# speaking of chi fads...



## *Sarah* (Apr 19, 2005)

has anyone seen Bit Bit lately cos I haven't? Is Brit bored of her already


----------



## KJsChihuahuas (Jan 6, 2005)

no she is pregnant now and probably has forgot about bit bit


----------



## luv4mygirls (Feb 20, 2005)

same with tinkerbell, paris got a new puppy Banbi and i haven't seen tinkerbell lately.



yep, those are 2 women i look up to :roll:


----------



## jlcase (Feb 8, 2005)

I just saw Regis and Kelly, I think it was Friday, and Paris was on there with Tinkerbell. I was very happy to see she is still taking her out I think she really loves her, she probably just wanted another chi like so many of us do. And you gotta admit Bambi is supper cute. (Not a fan, just was watching the show)


----------



## luv4mygirls (Feb 20, 2005)

jlcase said:


> I just saw Regis and Kelly, I think it was Friday, and Paris was on there with Tinkerbell. I was very happy to see she is still taking her out I think she really loves her, she probably just wanted another chi like so many of us do. And you gotta admit Bambi is supper cute. (Not a fan, just was watching the show)

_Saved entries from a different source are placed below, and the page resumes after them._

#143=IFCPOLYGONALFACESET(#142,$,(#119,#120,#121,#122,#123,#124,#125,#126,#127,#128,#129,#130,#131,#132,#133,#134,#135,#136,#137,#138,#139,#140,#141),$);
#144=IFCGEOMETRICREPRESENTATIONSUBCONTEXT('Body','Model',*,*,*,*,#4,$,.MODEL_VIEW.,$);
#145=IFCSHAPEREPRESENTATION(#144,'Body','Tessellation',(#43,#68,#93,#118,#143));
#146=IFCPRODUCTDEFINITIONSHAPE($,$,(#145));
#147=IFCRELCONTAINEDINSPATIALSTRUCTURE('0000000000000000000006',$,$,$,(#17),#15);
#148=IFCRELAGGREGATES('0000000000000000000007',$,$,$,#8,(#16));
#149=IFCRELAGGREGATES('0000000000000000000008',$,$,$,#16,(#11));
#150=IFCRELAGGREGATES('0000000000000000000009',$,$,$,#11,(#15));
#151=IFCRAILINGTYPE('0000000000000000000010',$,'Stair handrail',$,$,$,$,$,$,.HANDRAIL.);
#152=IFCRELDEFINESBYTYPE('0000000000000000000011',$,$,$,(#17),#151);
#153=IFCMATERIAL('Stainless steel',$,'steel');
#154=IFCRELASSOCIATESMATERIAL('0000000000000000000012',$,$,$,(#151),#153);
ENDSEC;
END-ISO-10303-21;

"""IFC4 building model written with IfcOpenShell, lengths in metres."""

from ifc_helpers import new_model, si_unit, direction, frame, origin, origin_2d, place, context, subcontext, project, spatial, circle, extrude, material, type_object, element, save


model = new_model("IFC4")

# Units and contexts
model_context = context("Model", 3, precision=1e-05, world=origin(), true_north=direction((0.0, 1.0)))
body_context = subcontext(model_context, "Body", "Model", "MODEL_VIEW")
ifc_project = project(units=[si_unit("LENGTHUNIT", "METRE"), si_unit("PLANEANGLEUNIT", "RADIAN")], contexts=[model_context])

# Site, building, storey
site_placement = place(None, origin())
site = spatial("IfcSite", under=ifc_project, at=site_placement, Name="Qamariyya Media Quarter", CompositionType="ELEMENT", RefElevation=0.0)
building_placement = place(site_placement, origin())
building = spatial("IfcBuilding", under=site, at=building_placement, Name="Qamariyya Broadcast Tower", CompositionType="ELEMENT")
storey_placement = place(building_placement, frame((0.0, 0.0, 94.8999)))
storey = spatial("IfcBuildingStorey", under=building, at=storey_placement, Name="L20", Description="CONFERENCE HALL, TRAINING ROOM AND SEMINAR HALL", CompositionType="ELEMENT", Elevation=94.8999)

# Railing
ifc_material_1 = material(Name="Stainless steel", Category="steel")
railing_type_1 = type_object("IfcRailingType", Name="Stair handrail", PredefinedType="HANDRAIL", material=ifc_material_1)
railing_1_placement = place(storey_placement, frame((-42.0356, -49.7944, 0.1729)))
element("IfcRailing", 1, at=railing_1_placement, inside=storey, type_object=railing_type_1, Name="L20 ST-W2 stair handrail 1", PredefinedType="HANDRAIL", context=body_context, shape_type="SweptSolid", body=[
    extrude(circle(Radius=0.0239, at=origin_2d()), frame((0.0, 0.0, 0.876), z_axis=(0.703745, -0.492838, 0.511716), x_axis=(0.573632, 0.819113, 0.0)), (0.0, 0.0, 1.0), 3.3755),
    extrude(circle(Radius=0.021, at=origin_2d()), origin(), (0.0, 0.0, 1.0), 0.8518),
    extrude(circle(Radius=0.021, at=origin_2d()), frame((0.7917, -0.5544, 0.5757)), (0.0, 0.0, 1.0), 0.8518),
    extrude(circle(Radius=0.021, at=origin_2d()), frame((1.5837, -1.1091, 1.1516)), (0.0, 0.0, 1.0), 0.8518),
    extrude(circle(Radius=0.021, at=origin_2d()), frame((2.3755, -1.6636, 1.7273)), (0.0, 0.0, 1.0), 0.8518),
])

ok, paris scored a half a point in my book then


----------



## Gadget's Mom (Jan 14, 2005)

I saw the Regis and Kelly show.. i watch it every day.... Paris did have tinkerbell and she said nothing bad about her... in fact PAris was telling them how much she loved her and would never leave her home alone...


----------



## *Sarah* (Apr 19, 2005)

well thats Paris but I think poor old Bit Bit has been forgottern


----------



## Rachael Polachek (Feb 19, 2005)

luvmypuppet said:


> yep, those are 2 women i look up to :roll:


Please tell me you said that facetiously.  

Can anyone explain to me why Paris Hilton is so popular? She's famous for being famous. I don't get it. :? :? :?


----------



## sjc (Jan 14, 2005)

I dont get it either!! If her last name wasn't Hilton, would she even be popular??? I doub't it!


----------



## luv4mygirls (Feb 20, 2005)

Rachael Polachek said:
 

> luvmypuppet said:
> 
> 
> > yep, those are 2 women i look up to :roll:
> ...


if facetiously means sarcastically then yes lol :lol:


----------



## ilovesadie (Jun 1, 2004)

with the pattern of "heirs and heiresses" breaking into the entertainment industry i'm predicting that bill gate's kids are going to enter the media realm when they are old enough too =)


----------



## MsStephanie (Apr 3, 2005)

Doesn't Britney have like 2 or 3 chihuahuas and some other breed? Paris and Britney carry their dogs as if they were an accessory. ukeright: 

I thought Bill Gate's kids were old enough already? eh. All I know is that his kids will inherit .5% of what he makes. The rest goes to charity... But still, .5% of what Gates is worth is still a lot of money... I get all this info on VH1... And yes I watch VH1 on a daily basis....


----------



## OzzyAndLilysMom (Mar 9, 2004)

god if I was Bill gates kid I wouldnt be too chuffed with 5 % lol :lol:


----------



## xx-nathalie-xx (Jan 10, 2005)

i read paris's book  and she said in it she wanted a brother badly for tinkerbell....i think the book is written a year ago ....so it surprises me she waited so long......maybe she took it in good consideration ??
i really think she loves tinkerbell too :? 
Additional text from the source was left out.